In view of the controversial results, the selection of tooth shape based on gender lacks adequate scientific support and reliability. In the case of doubt, Nold et al. recommend selecting central incisors with an oval shape, as there is a greater probability of correlation with the natural teeth than when other tooth shapes are considered, independently of patient gender [33].
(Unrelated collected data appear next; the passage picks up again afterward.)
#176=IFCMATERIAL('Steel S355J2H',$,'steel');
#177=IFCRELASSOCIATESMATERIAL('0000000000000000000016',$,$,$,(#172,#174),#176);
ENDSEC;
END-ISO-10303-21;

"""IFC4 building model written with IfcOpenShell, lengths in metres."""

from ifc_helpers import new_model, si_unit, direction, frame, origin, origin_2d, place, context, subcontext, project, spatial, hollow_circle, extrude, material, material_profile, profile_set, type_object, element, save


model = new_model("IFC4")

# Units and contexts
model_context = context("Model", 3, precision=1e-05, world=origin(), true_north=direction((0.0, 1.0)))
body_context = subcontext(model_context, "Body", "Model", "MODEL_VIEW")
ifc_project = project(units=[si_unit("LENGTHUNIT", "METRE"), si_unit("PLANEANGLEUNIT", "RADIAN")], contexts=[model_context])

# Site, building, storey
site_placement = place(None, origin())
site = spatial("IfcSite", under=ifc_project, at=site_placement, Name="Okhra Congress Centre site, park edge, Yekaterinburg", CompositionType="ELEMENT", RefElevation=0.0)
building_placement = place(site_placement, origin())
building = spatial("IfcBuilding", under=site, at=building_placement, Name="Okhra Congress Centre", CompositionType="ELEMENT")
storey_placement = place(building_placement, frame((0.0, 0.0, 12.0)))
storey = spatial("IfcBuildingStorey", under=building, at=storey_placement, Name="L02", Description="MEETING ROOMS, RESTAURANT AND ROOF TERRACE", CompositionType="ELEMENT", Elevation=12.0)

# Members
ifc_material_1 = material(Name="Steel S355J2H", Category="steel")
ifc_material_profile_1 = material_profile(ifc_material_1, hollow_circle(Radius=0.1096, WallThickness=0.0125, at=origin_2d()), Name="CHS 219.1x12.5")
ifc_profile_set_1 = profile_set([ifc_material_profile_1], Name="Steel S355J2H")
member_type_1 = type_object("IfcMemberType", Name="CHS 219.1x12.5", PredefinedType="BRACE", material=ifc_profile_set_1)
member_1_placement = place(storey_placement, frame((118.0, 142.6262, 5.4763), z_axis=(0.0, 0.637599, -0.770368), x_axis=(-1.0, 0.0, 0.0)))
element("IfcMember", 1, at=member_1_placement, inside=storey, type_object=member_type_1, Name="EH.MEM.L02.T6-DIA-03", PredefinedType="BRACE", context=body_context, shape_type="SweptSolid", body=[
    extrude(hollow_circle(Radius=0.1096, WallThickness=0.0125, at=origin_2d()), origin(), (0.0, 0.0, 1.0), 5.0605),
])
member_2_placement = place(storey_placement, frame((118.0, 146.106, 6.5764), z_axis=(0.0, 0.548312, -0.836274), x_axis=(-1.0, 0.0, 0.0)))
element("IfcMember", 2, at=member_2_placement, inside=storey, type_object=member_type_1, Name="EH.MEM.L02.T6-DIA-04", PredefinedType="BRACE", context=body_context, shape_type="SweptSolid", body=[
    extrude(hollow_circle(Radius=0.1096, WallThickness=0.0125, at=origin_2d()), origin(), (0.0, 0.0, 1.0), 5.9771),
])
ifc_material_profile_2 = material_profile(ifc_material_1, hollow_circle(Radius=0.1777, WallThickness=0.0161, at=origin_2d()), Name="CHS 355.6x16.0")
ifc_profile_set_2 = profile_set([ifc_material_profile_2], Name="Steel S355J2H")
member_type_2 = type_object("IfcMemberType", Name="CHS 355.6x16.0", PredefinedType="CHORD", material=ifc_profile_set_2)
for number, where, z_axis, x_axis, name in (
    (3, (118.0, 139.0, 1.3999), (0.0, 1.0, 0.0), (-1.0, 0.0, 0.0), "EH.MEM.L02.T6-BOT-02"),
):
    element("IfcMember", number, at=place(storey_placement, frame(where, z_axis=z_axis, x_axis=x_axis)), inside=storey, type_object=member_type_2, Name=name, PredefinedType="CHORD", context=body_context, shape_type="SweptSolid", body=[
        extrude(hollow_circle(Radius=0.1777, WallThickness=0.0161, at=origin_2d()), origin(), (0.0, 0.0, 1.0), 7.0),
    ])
With regard to smile width, our results indicate a greater prevalence of exposure to the second premolar (61.4%), in agreement with the observations of other authors [29, 31]. However, Tjan and Miller [19] found the highest prevalence to correspond to exposure to the first premolar (48.6%). A possible explanation for this discrepancy is that these authors analyzed a sample (North Americans aged between 20 and 30 years) different from our own. Moreover, they found that only 4% of the subjects exposed their upper first molars when smiling – this finding being clearly different from the 20% recorded in our series. Aesthetic restoration of the visible posterior teeth may prove necessary in order to secure a harmonious outcome [49]. This is an important factor when planning anterior restorations, since consideration is required of both smile width and the number of teeth exposed. Variations in smile width allow for a broad range of situations considered to be aesthetically agreeable [50].
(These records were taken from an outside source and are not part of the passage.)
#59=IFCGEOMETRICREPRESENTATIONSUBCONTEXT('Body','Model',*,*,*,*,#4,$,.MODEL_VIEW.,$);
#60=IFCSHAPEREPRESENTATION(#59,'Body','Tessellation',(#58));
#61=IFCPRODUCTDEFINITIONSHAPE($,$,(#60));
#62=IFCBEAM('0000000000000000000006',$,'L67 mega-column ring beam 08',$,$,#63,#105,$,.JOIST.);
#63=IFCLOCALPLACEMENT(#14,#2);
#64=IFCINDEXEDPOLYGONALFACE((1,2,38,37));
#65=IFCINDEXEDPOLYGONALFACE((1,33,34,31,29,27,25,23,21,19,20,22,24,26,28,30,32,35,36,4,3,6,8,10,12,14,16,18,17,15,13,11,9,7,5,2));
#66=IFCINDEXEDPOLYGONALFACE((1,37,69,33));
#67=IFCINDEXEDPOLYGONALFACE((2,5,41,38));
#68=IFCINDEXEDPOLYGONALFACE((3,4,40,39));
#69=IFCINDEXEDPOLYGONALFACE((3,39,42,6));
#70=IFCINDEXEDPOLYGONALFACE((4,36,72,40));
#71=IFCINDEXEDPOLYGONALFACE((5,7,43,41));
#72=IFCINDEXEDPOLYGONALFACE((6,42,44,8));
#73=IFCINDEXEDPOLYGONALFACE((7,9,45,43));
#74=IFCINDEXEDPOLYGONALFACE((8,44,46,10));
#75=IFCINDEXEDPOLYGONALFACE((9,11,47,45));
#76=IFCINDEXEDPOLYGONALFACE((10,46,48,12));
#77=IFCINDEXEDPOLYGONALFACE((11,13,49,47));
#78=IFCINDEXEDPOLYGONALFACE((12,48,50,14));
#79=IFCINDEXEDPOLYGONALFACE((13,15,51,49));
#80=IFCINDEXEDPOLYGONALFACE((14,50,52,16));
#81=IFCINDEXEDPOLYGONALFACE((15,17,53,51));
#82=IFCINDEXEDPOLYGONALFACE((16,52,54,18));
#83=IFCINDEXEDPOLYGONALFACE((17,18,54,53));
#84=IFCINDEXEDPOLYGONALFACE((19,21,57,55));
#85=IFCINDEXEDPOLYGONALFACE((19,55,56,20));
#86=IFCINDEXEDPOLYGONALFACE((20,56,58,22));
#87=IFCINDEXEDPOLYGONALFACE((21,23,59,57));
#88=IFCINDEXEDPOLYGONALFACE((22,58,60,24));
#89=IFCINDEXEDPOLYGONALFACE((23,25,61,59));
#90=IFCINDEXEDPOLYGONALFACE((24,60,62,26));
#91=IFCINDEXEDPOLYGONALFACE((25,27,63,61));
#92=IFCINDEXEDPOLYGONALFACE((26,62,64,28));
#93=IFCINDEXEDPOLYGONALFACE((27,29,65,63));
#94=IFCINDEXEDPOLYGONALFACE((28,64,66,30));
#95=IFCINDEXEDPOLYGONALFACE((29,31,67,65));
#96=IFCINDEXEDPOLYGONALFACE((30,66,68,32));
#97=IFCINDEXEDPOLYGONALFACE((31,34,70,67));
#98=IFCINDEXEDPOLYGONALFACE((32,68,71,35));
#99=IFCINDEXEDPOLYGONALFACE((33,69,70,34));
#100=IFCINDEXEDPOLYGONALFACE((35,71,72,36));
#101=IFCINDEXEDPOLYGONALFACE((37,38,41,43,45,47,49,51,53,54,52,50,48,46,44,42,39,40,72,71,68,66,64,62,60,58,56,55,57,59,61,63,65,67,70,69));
The results obtained in relation to the curve of the upper lip indicate a predominance of high lip curves (47%). Similar findings have been made in other studies such as that published by Hulsey [51], though in contrast Nold et al. [33] and Liang et al. [21] recorded a greater frequency of straightened curves. The differences with respect to Liang et al. [21] are probably due to the fact that their sample consisted of Chinese individuals, and ethnicity may play an important role in this regard.

Conclusions

The different aesthetic parameters must be efficiently integrated in clinical practice, since a range of disciplines are implicated in patient management (restoration, prostheses, orthodontics, periodontics). No significant gender differences were observed in relation to the parameters studied, with the exception of the smile line, which was found to be higher in females than in males. The population studied has a maxillary interincisal midline centered with the facial midline, a consonant arc of the smile, an upward lip curve, a medium smile line, with exposure to the second premolar, and an oval tooth shape. The present study may serve as a guide for dental professionals in orthodontics, restorative dentistry or prosthetic rehabilitation, among other fields.